An additional key, `abundance`, is used to indicate which field is used as the
abundance (counts) data.
### Combine
The section `combine` defines how single-taxon indicator data is combined to
form a multi-taxon indicator. Options include:
- `geometric_mean`: combines relative abundance as the geometric mean abundance.
- `cti`: combine abundances as a community temperature index.
- `overall_abundance`: combine abundance as total abundance for the taxon group.
### Use data after
The section `use_data_after` defines what calendar date (in the form `"MM-DD"`)

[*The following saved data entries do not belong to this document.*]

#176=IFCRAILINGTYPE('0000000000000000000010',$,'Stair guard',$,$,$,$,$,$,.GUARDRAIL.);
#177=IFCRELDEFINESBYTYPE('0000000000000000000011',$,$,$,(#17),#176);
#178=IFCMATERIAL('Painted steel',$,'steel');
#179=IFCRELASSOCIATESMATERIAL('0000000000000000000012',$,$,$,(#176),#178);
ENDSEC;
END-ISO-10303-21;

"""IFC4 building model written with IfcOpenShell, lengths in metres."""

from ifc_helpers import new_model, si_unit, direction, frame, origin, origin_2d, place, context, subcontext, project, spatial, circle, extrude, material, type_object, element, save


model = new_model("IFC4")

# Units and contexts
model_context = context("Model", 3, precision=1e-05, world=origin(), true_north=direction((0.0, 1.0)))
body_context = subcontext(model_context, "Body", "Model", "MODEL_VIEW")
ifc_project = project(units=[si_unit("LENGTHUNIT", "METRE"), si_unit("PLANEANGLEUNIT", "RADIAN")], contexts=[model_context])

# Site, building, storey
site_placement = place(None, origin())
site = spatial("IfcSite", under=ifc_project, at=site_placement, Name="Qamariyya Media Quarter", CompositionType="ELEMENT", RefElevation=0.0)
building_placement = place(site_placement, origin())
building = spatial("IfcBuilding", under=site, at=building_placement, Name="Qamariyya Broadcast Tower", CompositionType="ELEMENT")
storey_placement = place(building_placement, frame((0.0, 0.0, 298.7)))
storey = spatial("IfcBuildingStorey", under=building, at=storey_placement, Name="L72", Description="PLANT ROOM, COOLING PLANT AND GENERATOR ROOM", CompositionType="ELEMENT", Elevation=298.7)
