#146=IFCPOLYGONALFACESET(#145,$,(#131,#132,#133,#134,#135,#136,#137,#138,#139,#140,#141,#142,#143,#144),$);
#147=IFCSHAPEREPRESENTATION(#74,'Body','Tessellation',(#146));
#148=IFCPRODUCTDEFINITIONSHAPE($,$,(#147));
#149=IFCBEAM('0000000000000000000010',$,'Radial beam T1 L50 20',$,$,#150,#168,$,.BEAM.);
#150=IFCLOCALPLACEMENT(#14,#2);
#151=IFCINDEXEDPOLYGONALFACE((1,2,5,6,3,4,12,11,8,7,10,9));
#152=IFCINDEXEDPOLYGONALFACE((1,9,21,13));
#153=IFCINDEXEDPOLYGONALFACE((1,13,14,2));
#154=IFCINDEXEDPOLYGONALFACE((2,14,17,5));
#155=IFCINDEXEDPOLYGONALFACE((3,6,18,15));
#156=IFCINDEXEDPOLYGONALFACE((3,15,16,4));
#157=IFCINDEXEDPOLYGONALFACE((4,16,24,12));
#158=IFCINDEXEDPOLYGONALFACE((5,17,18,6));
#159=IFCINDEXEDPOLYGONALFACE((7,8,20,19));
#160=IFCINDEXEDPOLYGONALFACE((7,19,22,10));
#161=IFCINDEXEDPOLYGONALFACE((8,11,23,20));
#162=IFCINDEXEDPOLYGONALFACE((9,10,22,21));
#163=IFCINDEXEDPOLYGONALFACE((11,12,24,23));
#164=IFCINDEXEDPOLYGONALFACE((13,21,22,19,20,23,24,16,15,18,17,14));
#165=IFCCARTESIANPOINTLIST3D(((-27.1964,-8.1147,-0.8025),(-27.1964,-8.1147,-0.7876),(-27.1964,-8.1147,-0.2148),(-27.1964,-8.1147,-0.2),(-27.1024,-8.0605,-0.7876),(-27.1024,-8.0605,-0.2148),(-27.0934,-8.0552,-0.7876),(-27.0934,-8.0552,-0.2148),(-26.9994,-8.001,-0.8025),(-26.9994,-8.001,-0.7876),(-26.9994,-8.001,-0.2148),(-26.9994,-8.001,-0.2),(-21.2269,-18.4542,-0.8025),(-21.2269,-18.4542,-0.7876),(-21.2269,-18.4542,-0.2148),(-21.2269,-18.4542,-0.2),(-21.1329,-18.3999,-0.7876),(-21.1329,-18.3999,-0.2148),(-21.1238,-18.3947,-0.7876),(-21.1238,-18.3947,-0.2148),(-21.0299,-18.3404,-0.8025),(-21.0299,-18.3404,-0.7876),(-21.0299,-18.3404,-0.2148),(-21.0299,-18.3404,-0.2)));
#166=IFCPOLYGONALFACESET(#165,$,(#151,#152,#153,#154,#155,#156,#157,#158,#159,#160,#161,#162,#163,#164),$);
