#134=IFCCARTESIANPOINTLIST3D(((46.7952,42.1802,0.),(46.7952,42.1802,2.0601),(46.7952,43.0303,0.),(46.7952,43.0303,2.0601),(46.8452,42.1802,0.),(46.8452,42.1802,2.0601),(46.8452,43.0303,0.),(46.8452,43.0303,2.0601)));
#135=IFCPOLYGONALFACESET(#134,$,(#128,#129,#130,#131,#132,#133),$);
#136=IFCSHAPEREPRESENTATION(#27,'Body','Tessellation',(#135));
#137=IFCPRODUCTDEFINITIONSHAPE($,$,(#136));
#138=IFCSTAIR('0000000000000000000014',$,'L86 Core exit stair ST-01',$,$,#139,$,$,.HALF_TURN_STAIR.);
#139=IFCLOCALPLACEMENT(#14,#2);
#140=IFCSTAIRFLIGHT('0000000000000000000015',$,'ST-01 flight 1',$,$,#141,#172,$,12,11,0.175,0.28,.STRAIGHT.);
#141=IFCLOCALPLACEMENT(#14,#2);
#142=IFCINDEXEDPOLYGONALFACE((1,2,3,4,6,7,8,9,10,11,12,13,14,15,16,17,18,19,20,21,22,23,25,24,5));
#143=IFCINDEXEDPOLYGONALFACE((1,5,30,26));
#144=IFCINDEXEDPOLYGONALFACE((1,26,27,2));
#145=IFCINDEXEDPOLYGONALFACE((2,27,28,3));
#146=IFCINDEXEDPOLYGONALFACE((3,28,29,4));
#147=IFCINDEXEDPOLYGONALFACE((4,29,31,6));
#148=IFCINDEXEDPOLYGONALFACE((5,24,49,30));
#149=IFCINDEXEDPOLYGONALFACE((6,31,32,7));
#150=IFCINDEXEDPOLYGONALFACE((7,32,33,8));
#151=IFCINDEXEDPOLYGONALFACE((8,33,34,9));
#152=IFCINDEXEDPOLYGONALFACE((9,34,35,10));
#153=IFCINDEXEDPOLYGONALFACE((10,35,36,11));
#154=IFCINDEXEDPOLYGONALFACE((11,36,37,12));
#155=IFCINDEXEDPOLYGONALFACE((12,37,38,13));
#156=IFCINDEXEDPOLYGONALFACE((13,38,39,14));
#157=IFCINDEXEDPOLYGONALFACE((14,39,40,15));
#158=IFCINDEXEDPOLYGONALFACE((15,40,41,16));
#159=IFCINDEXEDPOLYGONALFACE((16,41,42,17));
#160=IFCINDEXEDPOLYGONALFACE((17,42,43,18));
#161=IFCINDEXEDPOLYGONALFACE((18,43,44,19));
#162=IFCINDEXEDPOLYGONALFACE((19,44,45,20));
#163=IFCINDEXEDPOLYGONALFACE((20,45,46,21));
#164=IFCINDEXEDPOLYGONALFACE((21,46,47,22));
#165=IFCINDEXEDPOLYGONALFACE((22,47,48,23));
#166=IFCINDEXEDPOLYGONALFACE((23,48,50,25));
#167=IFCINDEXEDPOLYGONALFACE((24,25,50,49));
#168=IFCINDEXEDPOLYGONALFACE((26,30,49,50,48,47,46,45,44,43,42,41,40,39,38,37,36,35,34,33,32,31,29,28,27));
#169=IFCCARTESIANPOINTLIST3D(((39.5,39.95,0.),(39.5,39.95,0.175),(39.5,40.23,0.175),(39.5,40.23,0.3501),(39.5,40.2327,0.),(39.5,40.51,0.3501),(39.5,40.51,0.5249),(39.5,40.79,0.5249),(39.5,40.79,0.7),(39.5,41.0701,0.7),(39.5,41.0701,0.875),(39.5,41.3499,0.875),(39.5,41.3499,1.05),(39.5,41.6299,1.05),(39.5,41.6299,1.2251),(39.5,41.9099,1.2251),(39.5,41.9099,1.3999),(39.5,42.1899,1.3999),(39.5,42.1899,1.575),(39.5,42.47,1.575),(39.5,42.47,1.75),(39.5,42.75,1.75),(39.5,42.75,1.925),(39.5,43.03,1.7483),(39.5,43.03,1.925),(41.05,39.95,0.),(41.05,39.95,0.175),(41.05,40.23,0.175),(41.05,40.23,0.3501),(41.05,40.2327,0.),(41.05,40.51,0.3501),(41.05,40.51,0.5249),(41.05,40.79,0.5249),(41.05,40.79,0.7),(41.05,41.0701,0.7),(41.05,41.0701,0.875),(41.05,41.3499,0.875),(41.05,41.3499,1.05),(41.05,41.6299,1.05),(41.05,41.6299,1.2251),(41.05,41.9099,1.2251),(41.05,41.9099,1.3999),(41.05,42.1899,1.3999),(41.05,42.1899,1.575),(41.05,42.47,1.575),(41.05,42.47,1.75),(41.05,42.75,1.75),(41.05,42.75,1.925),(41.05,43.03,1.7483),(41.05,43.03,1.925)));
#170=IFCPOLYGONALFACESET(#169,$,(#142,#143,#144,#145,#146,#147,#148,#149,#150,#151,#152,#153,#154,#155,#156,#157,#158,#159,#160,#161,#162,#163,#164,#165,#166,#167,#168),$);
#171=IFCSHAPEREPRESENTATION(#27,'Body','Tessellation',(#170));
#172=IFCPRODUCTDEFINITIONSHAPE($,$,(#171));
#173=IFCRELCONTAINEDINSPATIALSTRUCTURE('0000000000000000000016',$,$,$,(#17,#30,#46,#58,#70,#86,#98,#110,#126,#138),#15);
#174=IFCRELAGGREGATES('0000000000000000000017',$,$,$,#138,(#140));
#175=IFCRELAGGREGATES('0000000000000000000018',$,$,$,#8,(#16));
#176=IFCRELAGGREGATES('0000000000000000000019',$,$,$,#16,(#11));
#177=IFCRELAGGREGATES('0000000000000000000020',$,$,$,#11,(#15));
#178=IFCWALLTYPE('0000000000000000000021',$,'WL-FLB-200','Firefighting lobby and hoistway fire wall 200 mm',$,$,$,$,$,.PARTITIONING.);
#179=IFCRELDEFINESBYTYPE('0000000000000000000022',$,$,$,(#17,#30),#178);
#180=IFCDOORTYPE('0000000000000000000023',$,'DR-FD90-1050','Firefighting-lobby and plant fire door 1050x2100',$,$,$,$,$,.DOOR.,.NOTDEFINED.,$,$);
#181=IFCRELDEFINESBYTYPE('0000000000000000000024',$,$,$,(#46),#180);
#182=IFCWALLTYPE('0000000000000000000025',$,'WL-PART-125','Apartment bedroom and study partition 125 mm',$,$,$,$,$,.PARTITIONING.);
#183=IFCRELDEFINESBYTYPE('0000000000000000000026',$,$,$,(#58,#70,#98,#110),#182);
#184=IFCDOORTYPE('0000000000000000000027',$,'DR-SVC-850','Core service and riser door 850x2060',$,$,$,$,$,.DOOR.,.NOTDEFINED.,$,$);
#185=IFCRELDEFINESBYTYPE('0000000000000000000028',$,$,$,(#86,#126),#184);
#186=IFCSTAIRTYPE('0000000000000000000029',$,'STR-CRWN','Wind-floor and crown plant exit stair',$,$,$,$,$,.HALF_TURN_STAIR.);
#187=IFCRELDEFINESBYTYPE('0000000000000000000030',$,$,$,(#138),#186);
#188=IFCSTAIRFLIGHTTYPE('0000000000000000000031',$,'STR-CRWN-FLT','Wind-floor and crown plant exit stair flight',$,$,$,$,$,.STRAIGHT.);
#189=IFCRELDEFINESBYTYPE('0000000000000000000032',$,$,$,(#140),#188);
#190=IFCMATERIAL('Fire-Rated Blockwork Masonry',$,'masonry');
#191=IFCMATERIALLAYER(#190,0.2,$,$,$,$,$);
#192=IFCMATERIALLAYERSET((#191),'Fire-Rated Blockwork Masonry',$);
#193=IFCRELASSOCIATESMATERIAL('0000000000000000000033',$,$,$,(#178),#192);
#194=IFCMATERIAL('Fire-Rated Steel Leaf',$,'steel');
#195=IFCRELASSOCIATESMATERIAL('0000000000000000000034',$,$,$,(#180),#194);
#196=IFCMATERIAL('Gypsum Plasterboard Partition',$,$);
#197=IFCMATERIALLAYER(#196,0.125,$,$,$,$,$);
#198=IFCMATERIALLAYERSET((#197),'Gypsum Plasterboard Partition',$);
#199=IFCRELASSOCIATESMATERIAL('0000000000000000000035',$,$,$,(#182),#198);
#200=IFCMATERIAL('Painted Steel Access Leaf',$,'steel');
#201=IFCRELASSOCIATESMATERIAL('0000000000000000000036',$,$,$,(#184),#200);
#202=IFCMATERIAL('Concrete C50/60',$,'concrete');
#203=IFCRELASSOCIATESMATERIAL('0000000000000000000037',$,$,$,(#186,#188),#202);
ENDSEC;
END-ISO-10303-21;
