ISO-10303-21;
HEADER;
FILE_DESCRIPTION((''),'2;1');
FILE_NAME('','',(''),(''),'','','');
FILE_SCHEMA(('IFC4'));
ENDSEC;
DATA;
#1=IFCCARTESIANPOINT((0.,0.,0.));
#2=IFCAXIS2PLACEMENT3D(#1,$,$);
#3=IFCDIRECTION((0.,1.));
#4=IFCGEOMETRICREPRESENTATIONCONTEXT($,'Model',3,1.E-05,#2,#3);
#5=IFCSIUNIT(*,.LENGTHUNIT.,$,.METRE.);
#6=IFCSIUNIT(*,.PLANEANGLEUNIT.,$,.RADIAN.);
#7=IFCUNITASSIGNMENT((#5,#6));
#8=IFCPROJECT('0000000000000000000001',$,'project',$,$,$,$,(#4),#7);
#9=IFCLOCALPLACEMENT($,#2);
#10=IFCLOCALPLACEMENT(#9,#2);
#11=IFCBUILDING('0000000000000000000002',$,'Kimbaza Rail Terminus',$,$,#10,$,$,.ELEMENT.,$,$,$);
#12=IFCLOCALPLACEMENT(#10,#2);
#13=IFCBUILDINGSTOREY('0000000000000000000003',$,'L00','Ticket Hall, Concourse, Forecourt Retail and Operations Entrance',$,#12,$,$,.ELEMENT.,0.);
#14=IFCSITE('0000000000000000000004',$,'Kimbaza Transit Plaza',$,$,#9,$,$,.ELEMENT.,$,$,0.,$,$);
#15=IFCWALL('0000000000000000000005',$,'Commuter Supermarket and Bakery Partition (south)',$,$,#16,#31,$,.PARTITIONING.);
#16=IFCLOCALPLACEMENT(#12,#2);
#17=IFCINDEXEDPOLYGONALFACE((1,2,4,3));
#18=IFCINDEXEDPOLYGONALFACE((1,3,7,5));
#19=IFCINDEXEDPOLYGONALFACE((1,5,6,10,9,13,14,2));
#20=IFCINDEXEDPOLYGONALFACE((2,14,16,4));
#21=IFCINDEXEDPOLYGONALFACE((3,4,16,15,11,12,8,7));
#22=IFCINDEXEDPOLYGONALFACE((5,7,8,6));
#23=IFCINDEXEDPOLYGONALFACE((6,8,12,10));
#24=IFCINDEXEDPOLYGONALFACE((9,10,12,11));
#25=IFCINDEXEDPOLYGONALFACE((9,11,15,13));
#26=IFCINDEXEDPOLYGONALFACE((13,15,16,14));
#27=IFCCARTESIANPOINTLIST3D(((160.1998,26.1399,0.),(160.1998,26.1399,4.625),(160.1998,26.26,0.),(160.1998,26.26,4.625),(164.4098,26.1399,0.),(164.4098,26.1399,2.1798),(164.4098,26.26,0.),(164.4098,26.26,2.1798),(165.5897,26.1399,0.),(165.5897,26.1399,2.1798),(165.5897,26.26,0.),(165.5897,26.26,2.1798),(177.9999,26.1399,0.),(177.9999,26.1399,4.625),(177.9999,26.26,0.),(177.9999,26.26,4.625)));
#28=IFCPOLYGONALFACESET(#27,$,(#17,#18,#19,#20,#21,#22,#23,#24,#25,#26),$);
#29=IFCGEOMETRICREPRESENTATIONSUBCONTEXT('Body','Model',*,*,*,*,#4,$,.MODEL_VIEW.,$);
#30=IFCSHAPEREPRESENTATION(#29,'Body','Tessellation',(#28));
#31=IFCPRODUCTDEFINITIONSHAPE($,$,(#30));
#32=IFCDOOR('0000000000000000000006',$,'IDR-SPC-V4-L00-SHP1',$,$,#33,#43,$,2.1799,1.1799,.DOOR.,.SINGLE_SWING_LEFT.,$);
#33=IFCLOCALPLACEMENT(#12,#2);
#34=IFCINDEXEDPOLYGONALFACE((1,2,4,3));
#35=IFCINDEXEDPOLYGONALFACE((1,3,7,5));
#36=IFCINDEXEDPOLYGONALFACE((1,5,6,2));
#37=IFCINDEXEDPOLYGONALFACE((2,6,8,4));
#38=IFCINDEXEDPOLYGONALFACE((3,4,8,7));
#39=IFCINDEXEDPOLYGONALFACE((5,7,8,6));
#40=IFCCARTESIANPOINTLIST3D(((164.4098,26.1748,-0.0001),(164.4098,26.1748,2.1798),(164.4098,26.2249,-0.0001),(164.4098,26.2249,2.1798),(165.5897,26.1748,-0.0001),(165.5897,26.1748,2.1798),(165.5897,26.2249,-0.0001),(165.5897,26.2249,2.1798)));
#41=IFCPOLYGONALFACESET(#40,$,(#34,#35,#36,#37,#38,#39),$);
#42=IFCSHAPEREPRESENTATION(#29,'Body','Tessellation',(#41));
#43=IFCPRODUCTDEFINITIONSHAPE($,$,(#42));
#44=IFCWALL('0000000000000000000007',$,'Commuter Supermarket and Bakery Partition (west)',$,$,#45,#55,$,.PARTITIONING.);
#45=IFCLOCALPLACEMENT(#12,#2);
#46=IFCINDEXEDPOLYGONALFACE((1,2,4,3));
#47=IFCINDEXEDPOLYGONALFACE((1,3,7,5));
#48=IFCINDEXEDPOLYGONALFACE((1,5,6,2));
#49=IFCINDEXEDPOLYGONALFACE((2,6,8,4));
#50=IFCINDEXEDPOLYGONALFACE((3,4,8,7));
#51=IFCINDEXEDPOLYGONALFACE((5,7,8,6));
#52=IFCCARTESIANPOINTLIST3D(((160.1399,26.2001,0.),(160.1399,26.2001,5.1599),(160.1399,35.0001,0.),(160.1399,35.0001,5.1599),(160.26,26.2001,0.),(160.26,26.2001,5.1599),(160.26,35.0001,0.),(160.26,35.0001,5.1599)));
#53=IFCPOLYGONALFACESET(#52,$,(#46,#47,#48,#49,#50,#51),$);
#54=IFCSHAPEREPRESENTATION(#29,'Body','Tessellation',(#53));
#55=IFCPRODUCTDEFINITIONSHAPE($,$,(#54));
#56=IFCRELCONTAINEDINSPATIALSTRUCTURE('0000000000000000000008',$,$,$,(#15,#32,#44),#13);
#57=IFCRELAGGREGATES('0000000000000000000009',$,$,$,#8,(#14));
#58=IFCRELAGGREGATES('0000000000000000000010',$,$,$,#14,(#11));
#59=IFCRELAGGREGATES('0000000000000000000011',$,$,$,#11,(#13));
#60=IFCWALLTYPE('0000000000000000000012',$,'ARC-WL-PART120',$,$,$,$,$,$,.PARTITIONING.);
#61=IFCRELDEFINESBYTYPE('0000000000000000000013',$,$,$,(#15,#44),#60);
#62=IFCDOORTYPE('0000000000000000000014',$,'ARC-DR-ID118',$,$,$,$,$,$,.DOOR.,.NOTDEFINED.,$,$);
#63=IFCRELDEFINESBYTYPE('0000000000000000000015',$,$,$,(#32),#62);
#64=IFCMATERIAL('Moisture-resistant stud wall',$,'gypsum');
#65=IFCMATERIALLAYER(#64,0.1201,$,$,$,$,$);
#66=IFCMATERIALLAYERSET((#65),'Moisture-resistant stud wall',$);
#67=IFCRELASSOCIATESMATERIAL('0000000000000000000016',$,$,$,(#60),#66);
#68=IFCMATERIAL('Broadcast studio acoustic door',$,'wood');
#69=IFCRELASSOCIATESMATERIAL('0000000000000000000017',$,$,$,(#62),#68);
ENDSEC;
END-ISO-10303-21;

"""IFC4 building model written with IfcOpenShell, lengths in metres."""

from ifc_helpers import new_model, si_unit, direction, frame, frame_2d, origin, place, context, subcontext, project, spatial, rectangle, extrude, material, layer, layer_set, type_object, element, fill, save


model = new_model("IFC4")

# Units and contexts
model_context = context("Model", 3, precision=1e-05, world=origin(), true_north=direction((0.0, 1.0)))
body_context = subcontext(model_context, "Body", "Model", "MODEL_VIEW")
ifc_project = project(units=[si_unit("LENGTHUNIT", "METRE"), si_unit("PLANEANGLEUNIT", "RADIAN")], contexts=[model_context])

# Site, building, storey
site_placement = place(None, origin())
site = spatial("IfcSite", under=ifc_project, at=site_placement, Name="Kimbaza Transit Plaza", CompositionType="ELEMENT", RefElevation=0.0)
building_placement = place(site_placement, origin())
building = spatial("IfcBuilding", under=site, at=building_placement, Name="Kimbaza Rail Terminus", CompositionType="ELEMENT")
storey_placement = place(building_placement, origin())
storey = spatial("IfcBuildingStorey", under=building, at=storey_placement, Name="L00", Description="Ticket Hall, Concourse, Forecourt Retail and Operations Entrance", CompositionType="ELEMENT", Elevation=0.0)

# Wall, opening, door
ifc_material_1 = material(Name="Moisture-resistant stud wall", Category="gypsum")
ifc_layer_1 = layer(ifc_material_1, 0.1201)
ifc_layer_set_1 = layer_set([ifc_layer_1], Name="Moisture-resistant stud wall")
wall_type_1 = type_object("IfcWallType", Name="ARC-WL-PART120", PredefinedType="PARTITIONING", material=ifc_layer_set_1)
wall_1_placement = place(storey_placement, frame((160.2, 26.2, 0.0), z_axis=(0.0, 0.0, 1.0), x_axis=(1.0, 0.0, 0.0)))
wall_1 = element("IfcWall", 1, at=wall_1_placement, inside=storey, type_object=wall_type_1, Name="Commuter Supermarket and Bakery Partition (south)", PredefinedType="PARTITIONING", context=body_context, shape_type="SweptSolid", body=[
    extrude(rectangle(XDim=17.8, YDim=0.1201, at=frame_2d((8.8999, 0.0))), origin(), (0.0, 0.0, 1.0), 4.625),
])
opening_1_placement = place(wall_1_placement, frame((4.21, 0.0, 0.0)))
opening_1 = element("IfcOpeningElement", 2, at=opening_1_placement, cuts=wall_1, PredefinedType="OPENING", context=body_context, shape_type="SweptSolid", body=[
    extrude(rectangle(XDim=1.1799, YDim=2.1799, at=frame_2d((0.5898, 1.0898))), frame((0.0, 0.0701, 0.0), z_axis=(0.0, -1.0, 0.0), x_axis=(1.0, 0.0, 0.0)), (0.0, 0.0, 1.0), 0.1401),
])
ifc_material_2 = material(Name="Broadcast studio acoustic door", Category="wood")
door_type_1 = type_object("IfcDoorType", Name="ARC-DR-ID118", OperationType="NOTDEFINED", PredefinedType="DOOR", material=ifc_material_2)
door_1_placement = place(opening_1_placement, origin())
door_1 = element("IfcDoor", 3, at=door_1_placement, inside=storey, type_object=door_type_1, Name="IDR-SPC-V4-L00-SHP1", OperationType="SINGLE_SWING_LEFT", OverallHeight=2.1799, OverallWidth=1.1799, PredefinedType="DOOR", context=body_context, shape_type="SweptSolid", body=[
    extrude(rectangle(XDim=1.1799, YDim=2.1799, at=frame_2d((0.5898, 1.0898))), frame((0.0, 0.0249, 0.0), z_axis=(0.0, -1.0, 0.0), x_axis=(1.0, 0.0, 0.0)), (0.0, 0.0, 1.0), 0.05),
])
fill(opening_1, door_1)

# Wall
wall_2_placement = place(storey_placement, frame((160.2, 35.0, 0.0), z_axis=(0.0, 0.0, 1.0), x_axis=(0.0, -1.0, 0.0)))
element("IfcWall", 4, at=wall_2_placement, inside=storey, type_object=wall_type_1, Name="Commuter Supermarket and Bakery Partition (west)", PredefinedType="PARTITIONING", context=body_context, shape_type="SweptSolid", body=[
    extrude(rectangle(XDim=8.8, YDim=0.1201, at=frame_2d((4.3999, 0.0))), origin(), (0.0, 0.0, 1.0), 5.1599),
])

save(model, "model.ifc")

data collected during the current year should start being included in the
indicator.
### Model
The `model` section defines how single- or multi-taxon indicators are calculated
from the survey and count data sourced from FinBIF. The section consists of one
or more model objects where the object keys indicate the model being used.
Models include:
- `trim`: Trends and Indices for Monitoring data model (via
[rtrim](https://github.com/SNStatComp/rtrim "rtrim GitHub repository"))
- `rbms`: Generalised abundance indices for butterfly monitoring count data (
via [rbms](https://retoschmucki.github.io/rbms/ "rbms"))
- `lmer`: Linear Mixed Effects Regression (via
[lme4](https://github.com/lme4/lme4/ "lme4 GitHub repository"))
Each element of the `model` section must include:
- `surveys_process`: An array of survey data processing functions (see
[processing](../reference/index.html#processing-functions "Process functions")
)
- `counts_process` An array of count data processing functions (see
[processing](../reference/index.html#processing-functions "Process functions")
)
And optionally include:
- `base_year`: an integer indicating the base year of the indicator.
- `args`: additional arguments passed to the modelling function.